Intro to probability

STA 199

Click here while you wait

Bulletin

  • this ae is not due for grade.
  • team announcement in slack

Getting started

Clone your ae10-username repo from the GitHub organization.

Today

By the end of today you will

  • have a working understanding of the terms probability, sample space, event, population and sample.
  • compute probabilities of events from data
  • create a contingency table using pivot_wider() and kable()
  • use a contingency table to explore the relationship between two categorical variables.

Definitions

  • The probability of an event tells us how likely an event is to occur, and it can take values from 0 to 1, inclusive. It can be viewed as
    • the proportion of times the event would occur if it could be observed an infinite number of times.
    • our degree of belief an event will happen.
  • An event is the basic element to which probability is applied, e.g. the result of an observation or experiment.
    • Example: \(A\) is the event a student in STA 199 is a sophomore.
    • We use capital letters, e.g. \(A\) to denote events.
    • For any event \(A\) and its complement, \(A^C\), Pr(A) + Pr(\(A^C\)) = 1.
  • A sample space is the set of all possible outcomes. Each outcome in the sample space is disjoint or mutually exclusive meaning they can’t occur simultaneously.
    • Example: The sample space for year is {First-year, Sophomore, Junior, Senior}, each item brackets is a distinct outcome from the questionnaire.
    • The probability of the entire sample space is 1.

Introduction

library(tidyverse)
library(knitr)
#sta199 = read_csv()
sta199 = sta199 |>
  rename(year = `What year are you in school?`,
         animal = `Choose your favorite`,
         tv = `Favorite TV`,
         major = `Probable Major?`)

For this Application Exercise, we will look at our newly collected data.

Data includes

  • year: Year in school
  • animal: Whether you prefer cats or dogs
  • tv: Favorite TV genre
  • major: probable major (statistical science or not)

Exercise 1

Give two examples of an event from the data set.

Exercise 2

Let’s take a look at favorite TV genre. Note that we have categorized genres so that each person can only have one favorite genre.

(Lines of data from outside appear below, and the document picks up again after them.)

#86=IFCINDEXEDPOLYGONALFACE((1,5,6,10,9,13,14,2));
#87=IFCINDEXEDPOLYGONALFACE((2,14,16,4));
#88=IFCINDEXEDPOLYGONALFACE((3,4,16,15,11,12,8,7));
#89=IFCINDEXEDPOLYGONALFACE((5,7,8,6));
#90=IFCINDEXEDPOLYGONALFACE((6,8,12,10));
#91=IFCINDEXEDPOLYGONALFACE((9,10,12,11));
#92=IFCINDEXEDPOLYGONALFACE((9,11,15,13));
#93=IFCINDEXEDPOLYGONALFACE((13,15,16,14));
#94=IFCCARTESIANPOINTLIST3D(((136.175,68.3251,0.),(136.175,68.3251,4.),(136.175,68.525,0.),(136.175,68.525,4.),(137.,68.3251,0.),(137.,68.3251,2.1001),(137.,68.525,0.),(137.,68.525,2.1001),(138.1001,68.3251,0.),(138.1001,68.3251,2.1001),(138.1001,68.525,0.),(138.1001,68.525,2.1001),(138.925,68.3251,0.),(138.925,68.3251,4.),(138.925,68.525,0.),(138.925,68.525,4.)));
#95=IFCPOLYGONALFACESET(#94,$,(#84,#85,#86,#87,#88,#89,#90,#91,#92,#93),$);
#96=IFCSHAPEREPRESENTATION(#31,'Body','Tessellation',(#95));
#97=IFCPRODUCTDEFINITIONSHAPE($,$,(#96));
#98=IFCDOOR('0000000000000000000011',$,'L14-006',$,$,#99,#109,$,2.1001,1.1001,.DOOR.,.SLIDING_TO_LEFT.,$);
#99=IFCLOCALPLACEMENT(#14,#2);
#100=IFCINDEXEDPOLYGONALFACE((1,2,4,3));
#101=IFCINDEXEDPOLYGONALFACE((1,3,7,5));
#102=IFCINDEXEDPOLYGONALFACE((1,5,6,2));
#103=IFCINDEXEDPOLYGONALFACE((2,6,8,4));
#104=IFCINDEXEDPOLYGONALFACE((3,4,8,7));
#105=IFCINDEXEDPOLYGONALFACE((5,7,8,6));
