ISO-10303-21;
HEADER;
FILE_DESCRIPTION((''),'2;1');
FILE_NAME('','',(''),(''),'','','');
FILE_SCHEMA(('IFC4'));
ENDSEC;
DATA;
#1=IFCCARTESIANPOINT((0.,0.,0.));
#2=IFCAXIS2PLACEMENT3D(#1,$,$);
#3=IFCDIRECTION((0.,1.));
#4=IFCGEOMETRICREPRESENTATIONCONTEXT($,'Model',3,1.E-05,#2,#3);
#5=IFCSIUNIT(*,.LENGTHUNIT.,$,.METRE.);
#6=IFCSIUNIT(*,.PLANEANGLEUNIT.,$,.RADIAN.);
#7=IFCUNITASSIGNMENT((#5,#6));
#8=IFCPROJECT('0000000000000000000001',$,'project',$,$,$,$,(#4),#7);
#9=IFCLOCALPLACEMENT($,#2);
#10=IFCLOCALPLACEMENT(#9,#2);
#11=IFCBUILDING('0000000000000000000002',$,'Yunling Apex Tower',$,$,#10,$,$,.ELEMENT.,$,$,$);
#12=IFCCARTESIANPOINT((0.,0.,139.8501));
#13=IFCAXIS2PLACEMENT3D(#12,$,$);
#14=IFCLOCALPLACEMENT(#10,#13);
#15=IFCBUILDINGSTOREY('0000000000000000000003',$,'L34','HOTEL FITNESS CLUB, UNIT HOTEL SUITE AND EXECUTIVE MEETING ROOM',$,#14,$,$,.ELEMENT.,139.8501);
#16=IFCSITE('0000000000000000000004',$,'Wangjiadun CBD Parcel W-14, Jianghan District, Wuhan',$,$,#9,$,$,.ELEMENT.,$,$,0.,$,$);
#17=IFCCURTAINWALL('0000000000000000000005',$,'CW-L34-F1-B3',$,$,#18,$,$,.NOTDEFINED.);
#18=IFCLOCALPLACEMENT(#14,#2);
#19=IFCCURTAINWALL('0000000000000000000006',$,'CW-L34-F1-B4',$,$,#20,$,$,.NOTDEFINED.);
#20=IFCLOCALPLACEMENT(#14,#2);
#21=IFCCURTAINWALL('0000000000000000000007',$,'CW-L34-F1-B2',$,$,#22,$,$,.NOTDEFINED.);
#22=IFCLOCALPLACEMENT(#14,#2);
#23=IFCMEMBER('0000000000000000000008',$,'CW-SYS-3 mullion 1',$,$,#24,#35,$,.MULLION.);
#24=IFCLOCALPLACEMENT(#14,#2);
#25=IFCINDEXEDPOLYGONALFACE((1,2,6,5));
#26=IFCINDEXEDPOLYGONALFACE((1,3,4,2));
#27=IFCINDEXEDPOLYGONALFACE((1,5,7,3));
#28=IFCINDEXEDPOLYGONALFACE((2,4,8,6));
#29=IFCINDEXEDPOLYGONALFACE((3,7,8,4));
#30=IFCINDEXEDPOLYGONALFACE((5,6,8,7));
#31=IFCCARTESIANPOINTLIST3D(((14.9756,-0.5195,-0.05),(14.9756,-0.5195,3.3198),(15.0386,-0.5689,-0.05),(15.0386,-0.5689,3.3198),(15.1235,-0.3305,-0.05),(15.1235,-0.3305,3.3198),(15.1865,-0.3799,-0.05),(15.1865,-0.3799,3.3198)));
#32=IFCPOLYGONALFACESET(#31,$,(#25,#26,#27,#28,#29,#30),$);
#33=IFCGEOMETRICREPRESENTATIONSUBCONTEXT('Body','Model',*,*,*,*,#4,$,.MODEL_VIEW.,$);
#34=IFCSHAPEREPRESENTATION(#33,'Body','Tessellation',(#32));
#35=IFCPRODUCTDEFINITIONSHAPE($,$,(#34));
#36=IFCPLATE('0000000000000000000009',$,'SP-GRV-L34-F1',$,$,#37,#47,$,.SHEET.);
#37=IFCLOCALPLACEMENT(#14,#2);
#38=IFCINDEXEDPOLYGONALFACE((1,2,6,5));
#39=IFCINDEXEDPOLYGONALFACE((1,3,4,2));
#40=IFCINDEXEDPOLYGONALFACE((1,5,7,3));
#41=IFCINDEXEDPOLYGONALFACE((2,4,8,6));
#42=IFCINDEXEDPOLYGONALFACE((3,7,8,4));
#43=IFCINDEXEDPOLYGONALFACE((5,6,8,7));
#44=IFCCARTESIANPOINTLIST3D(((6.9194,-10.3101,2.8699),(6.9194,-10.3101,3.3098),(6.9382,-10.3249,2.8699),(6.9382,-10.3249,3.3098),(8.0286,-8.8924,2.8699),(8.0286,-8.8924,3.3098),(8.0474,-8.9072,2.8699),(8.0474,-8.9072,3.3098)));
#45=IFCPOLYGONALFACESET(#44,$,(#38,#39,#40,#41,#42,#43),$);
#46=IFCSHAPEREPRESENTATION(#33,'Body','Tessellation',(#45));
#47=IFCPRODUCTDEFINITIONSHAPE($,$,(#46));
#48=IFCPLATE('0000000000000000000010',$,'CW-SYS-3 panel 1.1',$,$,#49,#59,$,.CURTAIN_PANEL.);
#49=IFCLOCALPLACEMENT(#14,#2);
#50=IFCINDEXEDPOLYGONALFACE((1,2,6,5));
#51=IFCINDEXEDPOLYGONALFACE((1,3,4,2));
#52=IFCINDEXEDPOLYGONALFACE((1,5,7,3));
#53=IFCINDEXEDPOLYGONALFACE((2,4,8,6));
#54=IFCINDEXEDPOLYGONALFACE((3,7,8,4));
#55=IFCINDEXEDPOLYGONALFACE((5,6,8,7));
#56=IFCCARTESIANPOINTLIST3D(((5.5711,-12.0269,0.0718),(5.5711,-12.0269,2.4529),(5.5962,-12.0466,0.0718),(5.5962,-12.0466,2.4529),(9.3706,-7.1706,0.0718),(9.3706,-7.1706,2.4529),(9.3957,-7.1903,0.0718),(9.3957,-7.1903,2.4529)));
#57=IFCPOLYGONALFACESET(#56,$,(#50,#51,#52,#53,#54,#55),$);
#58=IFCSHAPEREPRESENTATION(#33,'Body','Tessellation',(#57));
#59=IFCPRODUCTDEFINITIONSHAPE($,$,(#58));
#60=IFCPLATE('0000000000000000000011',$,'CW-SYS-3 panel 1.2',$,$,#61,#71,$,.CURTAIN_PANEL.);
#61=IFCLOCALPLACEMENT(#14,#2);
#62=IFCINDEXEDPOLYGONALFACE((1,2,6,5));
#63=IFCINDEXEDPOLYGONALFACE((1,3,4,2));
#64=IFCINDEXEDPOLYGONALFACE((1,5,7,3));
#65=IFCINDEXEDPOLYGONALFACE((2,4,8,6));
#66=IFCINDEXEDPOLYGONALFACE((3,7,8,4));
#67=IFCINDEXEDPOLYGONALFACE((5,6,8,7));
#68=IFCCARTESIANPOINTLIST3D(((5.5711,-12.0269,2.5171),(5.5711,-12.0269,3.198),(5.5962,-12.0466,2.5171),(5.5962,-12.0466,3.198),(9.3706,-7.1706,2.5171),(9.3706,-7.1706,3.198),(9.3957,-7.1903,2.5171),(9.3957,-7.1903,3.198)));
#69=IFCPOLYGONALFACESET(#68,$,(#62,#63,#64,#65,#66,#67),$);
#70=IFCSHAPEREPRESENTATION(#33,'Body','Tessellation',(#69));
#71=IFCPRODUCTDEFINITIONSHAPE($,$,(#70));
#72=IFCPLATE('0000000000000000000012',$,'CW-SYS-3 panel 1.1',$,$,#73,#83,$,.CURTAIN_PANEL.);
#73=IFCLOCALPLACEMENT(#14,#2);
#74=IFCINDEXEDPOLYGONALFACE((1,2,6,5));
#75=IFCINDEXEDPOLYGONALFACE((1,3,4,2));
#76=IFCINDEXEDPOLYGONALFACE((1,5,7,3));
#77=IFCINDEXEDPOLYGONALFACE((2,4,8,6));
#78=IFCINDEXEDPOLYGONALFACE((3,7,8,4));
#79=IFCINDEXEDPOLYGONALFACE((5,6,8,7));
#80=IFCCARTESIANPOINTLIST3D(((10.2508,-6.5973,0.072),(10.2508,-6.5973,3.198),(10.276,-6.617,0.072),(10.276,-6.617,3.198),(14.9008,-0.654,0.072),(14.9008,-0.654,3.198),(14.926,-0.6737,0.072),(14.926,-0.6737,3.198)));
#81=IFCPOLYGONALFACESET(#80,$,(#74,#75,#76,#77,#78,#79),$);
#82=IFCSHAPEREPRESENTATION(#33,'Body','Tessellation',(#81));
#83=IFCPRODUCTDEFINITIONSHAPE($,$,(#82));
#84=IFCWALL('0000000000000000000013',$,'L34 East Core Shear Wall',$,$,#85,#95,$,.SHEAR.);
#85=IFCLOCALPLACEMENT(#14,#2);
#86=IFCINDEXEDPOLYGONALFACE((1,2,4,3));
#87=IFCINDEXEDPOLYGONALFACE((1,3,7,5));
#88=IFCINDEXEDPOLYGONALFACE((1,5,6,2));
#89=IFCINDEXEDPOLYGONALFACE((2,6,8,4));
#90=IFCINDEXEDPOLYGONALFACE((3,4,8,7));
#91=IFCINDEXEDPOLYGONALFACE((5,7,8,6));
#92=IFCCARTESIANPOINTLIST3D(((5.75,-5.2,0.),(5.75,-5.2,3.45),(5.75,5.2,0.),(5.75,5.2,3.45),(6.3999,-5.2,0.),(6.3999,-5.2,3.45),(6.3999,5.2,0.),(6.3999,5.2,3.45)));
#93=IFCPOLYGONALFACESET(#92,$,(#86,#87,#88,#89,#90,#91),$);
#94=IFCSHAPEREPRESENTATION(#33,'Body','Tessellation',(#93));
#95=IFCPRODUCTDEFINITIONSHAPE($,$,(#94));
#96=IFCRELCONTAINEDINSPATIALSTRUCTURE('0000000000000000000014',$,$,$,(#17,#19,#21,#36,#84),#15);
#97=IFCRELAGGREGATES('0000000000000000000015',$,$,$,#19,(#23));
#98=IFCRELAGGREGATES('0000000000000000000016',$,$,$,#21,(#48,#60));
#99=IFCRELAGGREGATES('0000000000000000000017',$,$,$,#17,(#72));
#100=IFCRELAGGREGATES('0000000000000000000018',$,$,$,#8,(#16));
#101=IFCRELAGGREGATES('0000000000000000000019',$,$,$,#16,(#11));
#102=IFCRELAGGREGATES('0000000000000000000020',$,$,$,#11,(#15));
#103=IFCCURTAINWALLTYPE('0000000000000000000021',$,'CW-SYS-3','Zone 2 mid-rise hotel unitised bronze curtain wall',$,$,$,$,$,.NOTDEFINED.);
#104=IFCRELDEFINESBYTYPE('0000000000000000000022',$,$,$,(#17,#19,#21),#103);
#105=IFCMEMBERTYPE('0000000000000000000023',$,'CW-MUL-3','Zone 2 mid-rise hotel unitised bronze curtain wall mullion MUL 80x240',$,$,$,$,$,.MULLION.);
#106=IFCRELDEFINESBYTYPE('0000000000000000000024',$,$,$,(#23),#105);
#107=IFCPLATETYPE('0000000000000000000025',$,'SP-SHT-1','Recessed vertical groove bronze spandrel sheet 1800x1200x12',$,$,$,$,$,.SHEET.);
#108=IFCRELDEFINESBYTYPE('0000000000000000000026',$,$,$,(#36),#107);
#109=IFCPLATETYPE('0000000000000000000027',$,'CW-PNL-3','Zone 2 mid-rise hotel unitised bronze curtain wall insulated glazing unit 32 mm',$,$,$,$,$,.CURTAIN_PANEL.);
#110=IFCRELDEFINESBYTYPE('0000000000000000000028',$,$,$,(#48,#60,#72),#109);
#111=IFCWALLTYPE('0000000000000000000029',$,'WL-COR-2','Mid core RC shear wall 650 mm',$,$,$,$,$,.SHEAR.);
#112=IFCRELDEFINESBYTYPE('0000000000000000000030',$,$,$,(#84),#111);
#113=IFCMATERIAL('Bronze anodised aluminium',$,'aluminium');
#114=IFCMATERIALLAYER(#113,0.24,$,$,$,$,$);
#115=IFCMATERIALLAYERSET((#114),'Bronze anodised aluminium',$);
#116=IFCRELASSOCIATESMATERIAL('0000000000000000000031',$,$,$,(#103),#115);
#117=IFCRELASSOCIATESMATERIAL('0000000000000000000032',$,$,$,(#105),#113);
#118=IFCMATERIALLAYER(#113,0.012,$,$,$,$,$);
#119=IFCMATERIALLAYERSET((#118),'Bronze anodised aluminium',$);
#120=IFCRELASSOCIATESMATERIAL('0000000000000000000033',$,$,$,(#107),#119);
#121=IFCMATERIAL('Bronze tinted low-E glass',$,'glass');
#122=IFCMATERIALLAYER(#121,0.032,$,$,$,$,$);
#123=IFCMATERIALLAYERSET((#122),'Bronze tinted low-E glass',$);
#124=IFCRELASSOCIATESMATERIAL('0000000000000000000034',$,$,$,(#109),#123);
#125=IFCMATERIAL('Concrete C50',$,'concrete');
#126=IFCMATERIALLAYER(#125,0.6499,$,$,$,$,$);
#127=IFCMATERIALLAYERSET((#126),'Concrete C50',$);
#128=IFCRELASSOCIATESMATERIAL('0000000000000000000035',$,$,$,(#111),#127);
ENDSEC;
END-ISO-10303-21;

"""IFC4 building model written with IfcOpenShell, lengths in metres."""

from ifc_helpers import new_model, si_unit, direction, frame, frame_2d, origin, origin_2d, place, context, subcontext, project, spatial, rectangle, extrude, source, transform, mapped, material, layer, layer_set, material_profile, profile_set, type_object, element, aggregate, save


model = new_model("IFC4")

# Units and contexts
model_context = context("Model", 3, precision=1e-05, world=origin(), true_north=direction((0.0, 1.0)))
body_context = subcontext(model_context, "Body", "Model", "MODEL_VIEW")
ifc_project = project(units=[si_unit("LENGTHUNIT", "METRE"), si_unit("PLANEANGLEUNIT", "RADIAN")], contexts=[model_context])

# Site, building, storey
site_placement = place(None, origin())
site = spatial("IfcSite", under=ifc_project, at=site_placement, Name="Wangjiadun CBD Parcel W-14, Jianghan District, Wuhan", CompositionType="ELEMENT", RefElevation=0.0)
building_placement = place(site_placement, origin())
building = spatial("IfcBuilding", under=site, at=building_placement, Name="Yunling Apex Tower", CompositionType="ELEMENT")
storey_placement = place(building_placement, frame((0.0, 0.0, 139.8501)))
storey = spatial("IfcBuildingStorey", under=building, at=storey_placement, Name="L34", Description="HOTEL FITNESS CLUB, UNIT HOTEL SUITE AND EXECUTIVE MEETING ROOM", CompositionType="ELEMENT", Elevation=139.8501)

# Curtain walls
ifc_material_1 = material(Name="Bronze anodised aluminium", Category="aluminium")
ifc_layer_1 = layer(ifc_material_1, 0.24)
ifc_layer_set_1 = layer_set([ifc_layer_1], Name="Bronze anodised aluminium")
curtain_wall_type = type_object("IfcCurtainWallType", Name="CW-SYS-3", Description="Zone 2 mid-rise hotel unitised bronze curtain wall", PredefinedType="NOTDEFINED", material=ifc_layer_set_1)
curtain_wall_1_placement = place(storey_placement, origin())
curtain_wall_1 = element("IfcCurtainWall", 1, at=curtain_wall_1_placement, inside=storey, type_object=curtain_wall_type, Name="CW-L34-F1-B3", PredefinedType="NOTDEFINED")
curtain_wall_2_placement = place(storey_placement, origin())
curtain_wall_2 = element("IfcCurtainWall", 2, at=curtain_wall_2_placement, inside=storey, type_object=curtain_wall_type, Name="CW-L34-F1-B4", PredefinedType="NOTDEFINED")

# Curtain wall
curtain_wall_3_placement = place(storey_placement, origin())
curtain_wall_3 = element("IfcCurtainWall", 3, at=curtain_wall_3_placement, inside=storey, type_object=curtain_wall_type, Name="CW-L34-F1-B2", PredefinedType="NOTDEFINED")
ifc_material_profile_1 = material_profile(ifc_material_1, rectangle(XDim=0.0801, YDim=0.24, at=origin_2d()))
ifc_profile_set_1 = profile_set([ifc_material_profile_1], Name="Bronze anodised aluminium")
member_type_1 = type_object("IfcMemberType", Name="CW-MUL-3", Description="Zone 2 mid-rise hotel unitised bronze curtain wall mullion MUL 80x240", PredefinedType="MULLION", material=ifc_profile_set_1)
shared_shape_1 = source(origin(), body_context, "Body", "SweptSolid", [
    extrude(rectangle(XDim=0.0801, YDim=0.24, at=origin_2d()), origin(), (0.0, 0.0, 1.0), 3.3699),
])

# Member
member_1_placement = place(storey_placement, frame((15.0811, -0.4497, -0.05), z_axis=(0.0, 0.0, 1.0), x_axis=(-0.787584, 0.616208, 0.0)))
member_1 = element("IfcMember", 4, at=member_1_placement, type_object=member_type_1, Name="CW-SYS-3 mullion 1", PredefinedType="MULLION", context=body_context, shape_type="MappedRepresentation", body=[
    mapped(shared_shape_1, transform((0.0, 0.0, 0.0), scale=1.0)),
])
aggregate(curtain_wall_2, [member_1])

  • What is the sample space for favorite TV genre? You can use code to identify the sample space.
# code here

Exercise 3

  • Let’s make a table that includes the TV genre, the number of people who prefer each, and the associated probabilities.
# code here

Exercise 4

How large is the sample space of any individual’s response? Can we check this in R?

# code here

Exercise 5

  • What is the probability a randomly selected STA 199 student favors cats?
# code here
  • What is the probability a randomly selected STA 199 student is not a senior and prefers dogs?
# code here
  • What is the probability a randomly selected STA 199 student is a first year and a statistics major?
# code here

Exercise 6

Now let’s make at table looking at the relationship between year and favorite tv.

sta199 %>%
  count(year, tv)

We’ll reformat the data into a contingency table, a table frequently used to study the association between two categorical variables. In this contingency table, each row will represent a year, each column will represent a tv show, and each cell is the number of students have a particular combination of year and major.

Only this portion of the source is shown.